Ph.D., University of Connecticut

Cognitive Psychology
Social Motor Coordination
Language and Movement
Rhythmic Coordination

 

Language and Movement

Motor timing and reading skill
Past research with colleagues from Haskins Laboratories (Carello, LeVasseur, & Schmidt, 2002) has investigated whether a relationship between reading ability and motor timing performance exists in a high literacy population.  Undergraduate students performed reading tasks that measured different components of reading skill. The participants’ reading abilities were assessed in terms of comprehension, phonological decoding ability, and reading rate.  These participants also performed three computerized tapping tasks in order to assess motor performance. Data collected supports the hypothesis that there is a link between reading skill and motor timing performance. The better the participants’ decoding processes, the better they are at coordinating sequential movements in the inter-digit coordination task.

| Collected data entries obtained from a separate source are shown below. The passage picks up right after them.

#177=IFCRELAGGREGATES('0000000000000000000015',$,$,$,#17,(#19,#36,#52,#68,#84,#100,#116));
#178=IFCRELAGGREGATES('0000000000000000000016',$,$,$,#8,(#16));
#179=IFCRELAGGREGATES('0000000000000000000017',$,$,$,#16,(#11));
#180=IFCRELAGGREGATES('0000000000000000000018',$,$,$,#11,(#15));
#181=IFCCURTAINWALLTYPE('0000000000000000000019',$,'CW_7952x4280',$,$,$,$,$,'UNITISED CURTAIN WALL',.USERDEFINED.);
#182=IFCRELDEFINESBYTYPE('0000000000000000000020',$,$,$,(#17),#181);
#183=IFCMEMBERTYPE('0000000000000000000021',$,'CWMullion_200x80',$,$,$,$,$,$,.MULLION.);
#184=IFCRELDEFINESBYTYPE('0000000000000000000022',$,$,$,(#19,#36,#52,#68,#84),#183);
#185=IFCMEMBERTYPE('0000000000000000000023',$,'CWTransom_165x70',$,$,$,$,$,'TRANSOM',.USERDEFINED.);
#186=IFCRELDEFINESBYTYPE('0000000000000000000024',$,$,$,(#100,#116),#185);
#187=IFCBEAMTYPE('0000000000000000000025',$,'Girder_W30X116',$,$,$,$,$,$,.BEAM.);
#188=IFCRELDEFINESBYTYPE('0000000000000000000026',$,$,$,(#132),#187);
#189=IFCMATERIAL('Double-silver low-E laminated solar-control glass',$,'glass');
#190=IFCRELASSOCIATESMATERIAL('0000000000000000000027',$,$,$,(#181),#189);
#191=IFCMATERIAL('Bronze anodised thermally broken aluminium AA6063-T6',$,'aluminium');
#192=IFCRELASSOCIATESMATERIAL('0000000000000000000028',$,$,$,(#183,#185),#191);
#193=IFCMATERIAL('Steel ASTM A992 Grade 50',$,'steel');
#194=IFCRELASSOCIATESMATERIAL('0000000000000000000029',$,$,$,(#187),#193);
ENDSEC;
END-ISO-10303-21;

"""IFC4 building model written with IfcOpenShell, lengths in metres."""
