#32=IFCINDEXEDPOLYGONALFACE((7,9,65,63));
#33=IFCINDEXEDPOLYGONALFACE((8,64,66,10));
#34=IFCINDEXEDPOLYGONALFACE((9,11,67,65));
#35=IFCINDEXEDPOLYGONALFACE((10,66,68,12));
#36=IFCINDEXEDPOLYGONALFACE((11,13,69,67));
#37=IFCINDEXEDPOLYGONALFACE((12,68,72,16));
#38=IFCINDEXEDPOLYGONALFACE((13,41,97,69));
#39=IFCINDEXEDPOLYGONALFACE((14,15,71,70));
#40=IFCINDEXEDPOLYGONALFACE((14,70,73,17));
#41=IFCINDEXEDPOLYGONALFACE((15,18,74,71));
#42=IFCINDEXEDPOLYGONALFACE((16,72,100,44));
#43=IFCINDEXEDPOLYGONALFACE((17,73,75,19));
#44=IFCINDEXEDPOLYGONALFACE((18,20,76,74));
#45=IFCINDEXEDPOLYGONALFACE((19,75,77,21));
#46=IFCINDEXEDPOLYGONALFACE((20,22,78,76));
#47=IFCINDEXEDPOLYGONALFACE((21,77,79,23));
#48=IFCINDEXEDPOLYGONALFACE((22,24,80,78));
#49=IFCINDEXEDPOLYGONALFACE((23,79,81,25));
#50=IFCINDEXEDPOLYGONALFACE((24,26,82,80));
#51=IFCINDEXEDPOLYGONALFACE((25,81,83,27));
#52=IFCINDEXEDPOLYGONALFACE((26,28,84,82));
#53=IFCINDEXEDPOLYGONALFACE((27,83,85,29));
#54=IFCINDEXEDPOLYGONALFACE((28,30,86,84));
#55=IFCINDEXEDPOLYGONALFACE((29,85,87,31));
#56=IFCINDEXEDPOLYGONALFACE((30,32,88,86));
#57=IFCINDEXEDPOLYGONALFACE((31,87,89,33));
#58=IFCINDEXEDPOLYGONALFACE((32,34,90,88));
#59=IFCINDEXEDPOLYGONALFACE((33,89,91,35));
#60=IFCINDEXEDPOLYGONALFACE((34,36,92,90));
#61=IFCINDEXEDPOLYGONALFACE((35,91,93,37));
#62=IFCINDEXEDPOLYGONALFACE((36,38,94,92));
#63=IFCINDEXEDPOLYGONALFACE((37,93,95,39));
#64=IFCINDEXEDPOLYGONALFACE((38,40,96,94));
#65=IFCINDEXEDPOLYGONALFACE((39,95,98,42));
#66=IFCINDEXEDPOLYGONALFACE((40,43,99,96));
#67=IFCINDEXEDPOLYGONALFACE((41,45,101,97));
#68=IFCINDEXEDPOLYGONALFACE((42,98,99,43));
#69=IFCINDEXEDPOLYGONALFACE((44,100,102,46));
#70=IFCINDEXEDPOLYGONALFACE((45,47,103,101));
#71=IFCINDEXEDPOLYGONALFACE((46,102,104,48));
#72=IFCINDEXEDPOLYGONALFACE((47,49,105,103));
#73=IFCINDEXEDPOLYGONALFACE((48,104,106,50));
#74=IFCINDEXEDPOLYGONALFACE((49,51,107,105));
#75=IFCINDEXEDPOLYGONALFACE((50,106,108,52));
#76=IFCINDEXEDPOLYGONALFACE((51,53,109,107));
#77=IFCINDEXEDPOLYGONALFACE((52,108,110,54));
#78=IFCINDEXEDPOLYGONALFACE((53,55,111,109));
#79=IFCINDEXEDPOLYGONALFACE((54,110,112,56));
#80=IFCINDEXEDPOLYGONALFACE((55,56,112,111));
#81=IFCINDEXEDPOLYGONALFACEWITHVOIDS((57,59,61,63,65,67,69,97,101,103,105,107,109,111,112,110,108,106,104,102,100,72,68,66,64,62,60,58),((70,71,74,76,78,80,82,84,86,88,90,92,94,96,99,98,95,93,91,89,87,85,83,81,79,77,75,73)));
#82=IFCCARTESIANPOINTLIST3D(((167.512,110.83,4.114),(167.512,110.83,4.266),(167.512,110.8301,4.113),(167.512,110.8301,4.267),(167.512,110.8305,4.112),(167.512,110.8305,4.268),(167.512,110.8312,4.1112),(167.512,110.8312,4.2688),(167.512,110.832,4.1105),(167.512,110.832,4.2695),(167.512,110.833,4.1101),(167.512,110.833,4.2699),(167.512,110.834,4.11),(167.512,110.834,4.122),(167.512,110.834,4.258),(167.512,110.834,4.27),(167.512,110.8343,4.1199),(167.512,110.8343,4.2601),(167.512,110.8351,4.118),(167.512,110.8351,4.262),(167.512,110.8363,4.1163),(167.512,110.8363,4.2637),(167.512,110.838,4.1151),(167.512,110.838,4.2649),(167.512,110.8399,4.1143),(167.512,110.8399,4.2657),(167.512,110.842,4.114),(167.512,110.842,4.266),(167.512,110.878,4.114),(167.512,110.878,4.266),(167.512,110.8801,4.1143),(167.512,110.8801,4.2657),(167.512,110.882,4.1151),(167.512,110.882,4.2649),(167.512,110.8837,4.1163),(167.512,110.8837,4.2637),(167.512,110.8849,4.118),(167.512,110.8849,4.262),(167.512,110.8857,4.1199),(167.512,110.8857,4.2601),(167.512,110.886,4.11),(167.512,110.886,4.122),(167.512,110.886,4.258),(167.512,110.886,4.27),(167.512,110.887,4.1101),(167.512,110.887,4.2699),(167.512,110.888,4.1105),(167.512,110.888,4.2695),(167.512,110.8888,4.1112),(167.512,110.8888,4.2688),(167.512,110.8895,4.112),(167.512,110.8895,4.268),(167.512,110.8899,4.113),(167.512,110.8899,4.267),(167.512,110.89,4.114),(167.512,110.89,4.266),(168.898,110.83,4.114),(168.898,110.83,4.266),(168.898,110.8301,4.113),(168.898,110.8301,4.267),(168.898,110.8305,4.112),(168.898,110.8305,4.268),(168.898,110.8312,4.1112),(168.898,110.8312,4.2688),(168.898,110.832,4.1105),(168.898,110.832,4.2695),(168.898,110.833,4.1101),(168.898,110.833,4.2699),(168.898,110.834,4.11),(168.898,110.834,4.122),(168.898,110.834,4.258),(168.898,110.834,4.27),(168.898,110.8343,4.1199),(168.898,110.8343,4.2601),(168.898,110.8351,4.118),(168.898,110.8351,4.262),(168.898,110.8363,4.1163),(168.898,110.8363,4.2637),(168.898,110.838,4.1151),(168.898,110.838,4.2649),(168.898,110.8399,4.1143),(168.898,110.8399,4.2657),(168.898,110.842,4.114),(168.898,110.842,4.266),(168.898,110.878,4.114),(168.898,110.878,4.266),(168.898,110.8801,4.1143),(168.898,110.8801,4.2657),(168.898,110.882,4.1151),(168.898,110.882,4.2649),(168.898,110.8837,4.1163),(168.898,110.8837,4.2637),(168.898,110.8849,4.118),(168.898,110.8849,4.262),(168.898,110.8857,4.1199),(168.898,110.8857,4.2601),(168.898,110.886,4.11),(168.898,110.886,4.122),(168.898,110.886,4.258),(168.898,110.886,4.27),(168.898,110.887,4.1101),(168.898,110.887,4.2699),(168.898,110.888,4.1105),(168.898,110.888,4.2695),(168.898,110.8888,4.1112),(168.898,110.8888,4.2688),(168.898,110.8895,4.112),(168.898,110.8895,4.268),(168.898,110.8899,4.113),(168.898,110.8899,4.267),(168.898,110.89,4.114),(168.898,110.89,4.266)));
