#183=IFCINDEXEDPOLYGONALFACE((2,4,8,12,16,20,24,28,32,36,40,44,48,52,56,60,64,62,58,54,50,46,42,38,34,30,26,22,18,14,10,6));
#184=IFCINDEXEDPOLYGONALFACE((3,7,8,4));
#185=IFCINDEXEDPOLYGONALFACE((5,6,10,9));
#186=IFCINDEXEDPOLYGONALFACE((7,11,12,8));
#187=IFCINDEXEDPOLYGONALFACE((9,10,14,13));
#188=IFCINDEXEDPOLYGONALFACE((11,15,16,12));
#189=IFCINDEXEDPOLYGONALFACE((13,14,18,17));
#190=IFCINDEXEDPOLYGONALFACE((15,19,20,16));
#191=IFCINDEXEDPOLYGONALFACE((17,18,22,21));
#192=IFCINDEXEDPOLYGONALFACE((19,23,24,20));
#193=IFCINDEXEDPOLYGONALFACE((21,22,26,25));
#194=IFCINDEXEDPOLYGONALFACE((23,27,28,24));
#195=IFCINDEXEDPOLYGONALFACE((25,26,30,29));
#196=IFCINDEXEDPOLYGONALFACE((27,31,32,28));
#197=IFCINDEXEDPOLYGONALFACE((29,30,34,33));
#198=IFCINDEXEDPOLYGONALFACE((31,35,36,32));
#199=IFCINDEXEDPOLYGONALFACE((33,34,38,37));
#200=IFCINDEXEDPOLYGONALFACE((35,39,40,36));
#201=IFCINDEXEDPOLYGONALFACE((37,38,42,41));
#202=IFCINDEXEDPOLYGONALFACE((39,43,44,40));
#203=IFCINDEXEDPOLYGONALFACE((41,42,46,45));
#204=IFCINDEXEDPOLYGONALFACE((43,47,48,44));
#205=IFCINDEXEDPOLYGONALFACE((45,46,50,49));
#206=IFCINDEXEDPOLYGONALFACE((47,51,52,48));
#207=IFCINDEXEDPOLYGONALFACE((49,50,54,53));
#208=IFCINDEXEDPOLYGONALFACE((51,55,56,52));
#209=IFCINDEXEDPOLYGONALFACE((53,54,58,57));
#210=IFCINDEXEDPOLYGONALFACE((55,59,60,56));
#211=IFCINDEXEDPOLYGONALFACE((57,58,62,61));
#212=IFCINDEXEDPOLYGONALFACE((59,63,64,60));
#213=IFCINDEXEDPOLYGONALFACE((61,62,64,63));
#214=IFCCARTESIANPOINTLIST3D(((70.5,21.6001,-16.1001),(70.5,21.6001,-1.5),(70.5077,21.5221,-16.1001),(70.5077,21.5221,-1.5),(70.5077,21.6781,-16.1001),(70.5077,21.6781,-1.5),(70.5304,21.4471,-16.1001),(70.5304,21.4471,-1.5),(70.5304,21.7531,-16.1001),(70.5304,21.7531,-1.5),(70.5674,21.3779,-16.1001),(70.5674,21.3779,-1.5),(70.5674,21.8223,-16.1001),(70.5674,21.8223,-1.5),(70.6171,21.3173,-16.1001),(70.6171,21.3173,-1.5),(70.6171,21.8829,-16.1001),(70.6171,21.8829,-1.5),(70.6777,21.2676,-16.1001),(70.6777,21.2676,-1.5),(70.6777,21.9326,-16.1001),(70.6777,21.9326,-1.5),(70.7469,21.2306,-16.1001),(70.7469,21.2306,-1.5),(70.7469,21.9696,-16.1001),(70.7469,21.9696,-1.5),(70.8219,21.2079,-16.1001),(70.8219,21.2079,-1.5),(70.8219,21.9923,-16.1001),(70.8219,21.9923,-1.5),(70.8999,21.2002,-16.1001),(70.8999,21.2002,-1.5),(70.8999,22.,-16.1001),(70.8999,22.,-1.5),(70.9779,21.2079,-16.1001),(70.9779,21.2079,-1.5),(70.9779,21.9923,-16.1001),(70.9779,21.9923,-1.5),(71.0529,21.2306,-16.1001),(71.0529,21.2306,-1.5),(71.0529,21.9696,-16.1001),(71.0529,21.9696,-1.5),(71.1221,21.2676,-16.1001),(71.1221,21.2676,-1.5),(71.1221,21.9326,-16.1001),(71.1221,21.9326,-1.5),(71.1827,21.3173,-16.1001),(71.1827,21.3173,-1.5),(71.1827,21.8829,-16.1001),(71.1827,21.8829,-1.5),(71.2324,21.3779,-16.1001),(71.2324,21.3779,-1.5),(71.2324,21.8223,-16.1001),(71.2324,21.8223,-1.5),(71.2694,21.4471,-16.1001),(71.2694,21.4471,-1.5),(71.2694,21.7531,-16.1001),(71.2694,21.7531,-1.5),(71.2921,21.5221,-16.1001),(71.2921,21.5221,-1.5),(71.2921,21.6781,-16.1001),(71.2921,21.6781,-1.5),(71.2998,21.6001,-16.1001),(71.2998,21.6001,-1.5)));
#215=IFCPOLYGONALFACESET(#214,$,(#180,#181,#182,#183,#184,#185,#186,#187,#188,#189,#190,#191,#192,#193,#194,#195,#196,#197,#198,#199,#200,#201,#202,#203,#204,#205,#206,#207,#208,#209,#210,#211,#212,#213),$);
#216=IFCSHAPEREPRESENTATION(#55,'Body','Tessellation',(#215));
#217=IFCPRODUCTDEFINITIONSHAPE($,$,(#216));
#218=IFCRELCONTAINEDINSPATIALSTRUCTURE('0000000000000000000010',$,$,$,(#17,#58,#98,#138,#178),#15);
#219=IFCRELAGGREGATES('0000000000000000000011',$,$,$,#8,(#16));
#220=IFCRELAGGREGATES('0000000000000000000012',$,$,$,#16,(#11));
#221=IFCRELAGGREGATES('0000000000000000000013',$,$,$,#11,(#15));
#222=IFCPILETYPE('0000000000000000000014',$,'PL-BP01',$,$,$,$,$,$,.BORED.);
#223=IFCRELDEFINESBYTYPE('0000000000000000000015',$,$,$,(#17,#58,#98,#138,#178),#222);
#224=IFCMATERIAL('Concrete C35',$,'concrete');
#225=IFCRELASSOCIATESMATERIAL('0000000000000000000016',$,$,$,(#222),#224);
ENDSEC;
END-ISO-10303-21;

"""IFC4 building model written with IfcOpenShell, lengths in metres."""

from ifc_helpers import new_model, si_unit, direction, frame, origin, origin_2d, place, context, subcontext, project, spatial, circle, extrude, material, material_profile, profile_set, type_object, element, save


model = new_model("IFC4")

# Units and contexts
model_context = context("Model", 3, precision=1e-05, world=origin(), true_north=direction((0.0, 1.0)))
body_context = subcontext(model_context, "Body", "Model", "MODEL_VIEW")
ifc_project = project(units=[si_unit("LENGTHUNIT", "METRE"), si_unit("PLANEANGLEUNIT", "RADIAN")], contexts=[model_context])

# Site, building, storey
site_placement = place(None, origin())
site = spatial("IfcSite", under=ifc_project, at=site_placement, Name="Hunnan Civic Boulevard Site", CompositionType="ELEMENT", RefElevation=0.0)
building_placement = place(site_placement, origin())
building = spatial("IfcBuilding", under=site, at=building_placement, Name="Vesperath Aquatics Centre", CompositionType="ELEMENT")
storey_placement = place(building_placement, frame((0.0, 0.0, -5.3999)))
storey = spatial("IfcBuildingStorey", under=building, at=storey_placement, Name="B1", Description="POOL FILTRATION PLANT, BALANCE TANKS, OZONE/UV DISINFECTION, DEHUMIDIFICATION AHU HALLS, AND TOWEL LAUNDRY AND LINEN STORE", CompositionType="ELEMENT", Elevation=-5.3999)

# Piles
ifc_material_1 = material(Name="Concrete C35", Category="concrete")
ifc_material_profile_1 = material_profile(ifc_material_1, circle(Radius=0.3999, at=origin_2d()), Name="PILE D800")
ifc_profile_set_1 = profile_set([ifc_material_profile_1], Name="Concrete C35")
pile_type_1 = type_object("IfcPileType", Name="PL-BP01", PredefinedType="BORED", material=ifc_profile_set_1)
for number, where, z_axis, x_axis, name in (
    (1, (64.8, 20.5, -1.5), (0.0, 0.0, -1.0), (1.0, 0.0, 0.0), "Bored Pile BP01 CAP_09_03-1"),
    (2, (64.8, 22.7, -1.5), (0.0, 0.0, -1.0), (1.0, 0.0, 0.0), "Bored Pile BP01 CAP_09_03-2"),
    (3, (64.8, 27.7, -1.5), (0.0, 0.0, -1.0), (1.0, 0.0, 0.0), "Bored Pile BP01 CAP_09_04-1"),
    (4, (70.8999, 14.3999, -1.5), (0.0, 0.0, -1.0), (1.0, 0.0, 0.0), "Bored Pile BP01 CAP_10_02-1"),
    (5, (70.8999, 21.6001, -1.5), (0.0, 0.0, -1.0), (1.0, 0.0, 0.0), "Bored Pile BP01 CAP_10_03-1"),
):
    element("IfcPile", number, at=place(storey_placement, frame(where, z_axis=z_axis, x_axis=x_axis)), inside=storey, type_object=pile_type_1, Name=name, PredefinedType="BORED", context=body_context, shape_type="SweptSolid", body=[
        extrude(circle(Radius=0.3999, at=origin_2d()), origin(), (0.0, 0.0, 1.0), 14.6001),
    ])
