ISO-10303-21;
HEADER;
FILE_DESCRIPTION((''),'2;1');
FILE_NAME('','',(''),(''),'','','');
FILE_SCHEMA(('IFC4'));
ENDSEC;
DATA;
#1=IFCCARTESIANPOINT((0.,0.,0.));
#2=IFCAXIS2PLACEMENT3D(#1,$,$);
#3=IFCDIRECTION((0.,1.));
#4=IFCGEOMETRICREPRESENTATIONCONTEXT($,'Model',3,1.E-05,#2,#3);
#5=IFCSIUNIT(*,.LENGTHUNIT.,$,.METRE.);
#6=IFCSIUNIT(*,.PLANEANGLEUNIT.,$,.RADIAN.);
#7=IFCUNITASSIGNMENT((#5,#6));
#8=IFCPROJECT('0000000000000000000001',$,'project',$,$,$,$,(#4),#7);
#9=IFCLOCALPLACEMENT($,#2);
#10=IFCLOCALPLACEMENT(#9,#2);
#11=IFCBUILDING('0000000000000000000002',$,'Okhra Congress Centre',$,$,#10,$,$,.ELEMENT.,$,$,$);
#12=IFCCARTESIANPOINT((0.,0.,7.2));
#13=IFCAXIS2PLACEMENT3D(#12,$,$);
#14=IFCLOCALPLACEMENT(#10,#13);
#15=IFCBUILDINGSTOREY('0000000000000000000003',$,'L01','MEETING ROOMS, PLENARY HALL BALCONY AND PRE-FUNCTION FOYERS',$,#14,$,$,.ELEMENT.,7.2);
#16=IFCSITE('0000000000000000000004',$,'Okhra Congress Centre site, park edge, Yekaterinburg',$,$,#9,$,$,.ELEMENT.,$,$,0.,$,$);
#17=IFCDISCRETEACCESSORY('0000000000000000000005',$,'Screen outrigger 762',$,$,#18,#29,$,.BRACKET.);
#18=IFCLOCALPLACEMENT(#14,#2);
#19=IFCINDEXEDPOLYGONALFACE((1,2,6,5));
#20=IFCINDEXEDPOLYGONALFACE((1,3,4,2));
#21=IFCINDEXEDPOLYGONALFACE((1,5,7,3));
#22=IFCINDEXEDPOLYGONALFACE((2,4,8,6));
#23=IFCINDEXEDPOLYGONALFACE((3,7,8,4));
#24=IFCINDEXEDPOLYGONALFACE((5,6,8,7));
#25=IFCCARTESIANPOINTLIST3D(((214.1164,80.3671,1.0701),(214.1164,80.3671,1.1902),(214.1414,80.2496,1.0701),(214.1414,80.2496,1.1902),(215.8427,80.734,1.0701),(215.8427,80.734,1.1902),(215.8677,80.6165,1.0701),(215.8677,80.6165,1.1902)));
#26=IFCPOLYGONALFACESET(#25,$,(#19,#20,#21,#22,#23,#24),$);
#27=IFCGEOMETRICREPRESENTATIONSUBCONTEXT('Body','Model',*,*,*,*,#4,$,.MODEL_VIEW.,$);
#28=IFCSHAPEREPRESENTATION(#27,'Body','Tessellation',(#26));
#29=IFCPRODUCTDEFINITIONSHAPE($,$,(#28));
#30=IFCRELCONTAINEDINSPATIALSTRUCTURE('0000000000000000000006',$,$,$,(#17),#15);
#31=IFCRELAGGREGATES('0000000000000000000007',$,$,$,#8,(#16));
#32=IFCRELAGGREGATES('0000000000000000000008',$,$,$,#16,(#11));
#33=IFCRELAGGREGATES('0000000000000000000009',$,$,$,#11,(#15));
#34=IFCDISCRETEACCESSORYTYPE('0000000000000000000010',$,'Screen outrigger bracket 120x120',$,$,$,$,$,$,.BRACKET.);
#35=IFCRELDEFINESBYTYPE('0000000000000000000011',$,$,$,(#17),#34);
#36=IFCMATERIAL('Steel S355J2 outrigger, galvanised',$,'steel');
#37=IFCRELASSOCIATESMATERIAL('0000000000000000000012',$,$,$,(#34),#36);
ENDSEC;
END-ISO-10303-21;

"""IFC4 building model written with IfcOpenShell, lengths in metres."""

from ifc_helpers import new_model, si_unit, direction, frame, origin, origin_2d, place, context, subcontext, project, spatial, rectangle, extrude, material, material_profile, profile_set, type_object, element, save


model = new_model("IFC4")

# Units and contexts
model_context = context("Model", 3, precision=1e-05, world=origin(), true_north=direction((0.0, 1.0)))
body_context = subcontext(model_context, "Body", "Model", "MODEL_VIEW")
ifc_project = project(units=[si_unit("LENGTHUNIT", "METRE"), si_unit("PLANEANGLEUNIT", "RADIAN")], contexts=[model_context])

# Site, building, storey
site_placement = place(None, origin())
site = spatial("IfcSite", under=ifc_project, at=site_placement, Name="Okhra Congress Centre site, park edge, Yekaterinburg", CompositionType="ELEMENT", RefElevation=0.0)
building_placement = place(site_placement, origin())
building = spatial("IfcBuilding", under=site, at=building_placement, Name="Okhra Congress Centre", CompositionType="ELEMENT")
storey_placement = place(building_placement, frame((0.0, 0.0, 7.2)))
storey = spatial("IfcBuildingStorey", under=building, at=storey_placement, Name="L01", Description="MEETING ROOMS, PLENARY HALL BALCONY AND PRE-FUNCTION FOYERS", CompositionType="ELEMENT", Elevation=7.2)

# Discrete accessory
ifc_material_1 = material(Name="Steel S355J2 outrigger, galvanised", Category="steel")
ifc_material_profile_1 = material_profile(ifc_material_1, rectangle(XDim=0.1201, YDim=0.1201, at=origin_2d()), Name="Screen outrigger bracket 120x120")
ifc_profile_set_1 = profile_set([ifc_material_profile_1], Name="Steel S355J2 outrigger, galvanised")
discrete_accessory_type = type_object("IfcDiscreteAccessoryType", Name="Screen outrigger bracket 120x120", PredefinedType="BRACKET", material=ifc_profile_set_1)
discrete_accessory_placement = place(storey_placement, frame((214.1289, 80.3083, 1.1301), z_axis=(0.978147, 0.207913, 0.0), x_axis=(-0.207913, 0.978147, 0.0)))
element("IfcDiscreteAccessory", 1, at=discrete_accessory_placement, inside=storey, type_object=discrete_accessory_type, Name="Screen outrigger 762", PredefinedType="BRACKET", context=body_context, shape_type="SweptSolid", body=[
    extrude(rectangle(XDim=0.1201, YDim=0.1201, at=origin_2d()), origin(), (0.0, 0.0, 1.0), 1.7649),
])

save(model, "model.ifc")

Speech as a mediator for entrainment
More recent research with Holy Cross students Tracy Espirtu and Kate Curtis has investigated whether speech can be a mediator for entrainment with environmental rhythms such as those produced by other people. Previous research has shown that individuals become unintentionally coordinated with other people they are interacting. Our recent studies seek to investigate the hypothesis that intrapersonal coordination between speech and body movements underlies interpersonal coordination.  Participants were asked to complete a rhythmic reading task, naming letters that appeared on a screen, while also swinging a handheld pendulum. The extent to which the wrist movements became coordinated with the presentations of the letters on the screen (reading rhythm) was analyzed using relative timing and cross spectral measures.

Speech gestures and cognitive performance
Other research has investigated a recent finding that gesturing is not only used to communicate to a listener but also to facilitate the speaker's own cognitive performance. In a recent recent study we investigated whether any kind of movement or necessarily motor movement temporally coordinated with speech facilitates lexical retrieval. Participants were asked to perform a lexical retrieval task while simultaneously holding the hands still, moving them freely, or while moving the hands in stereotyped rhythmic fashion. We found that any motor movement of the hands will facilitate lexical retrieval.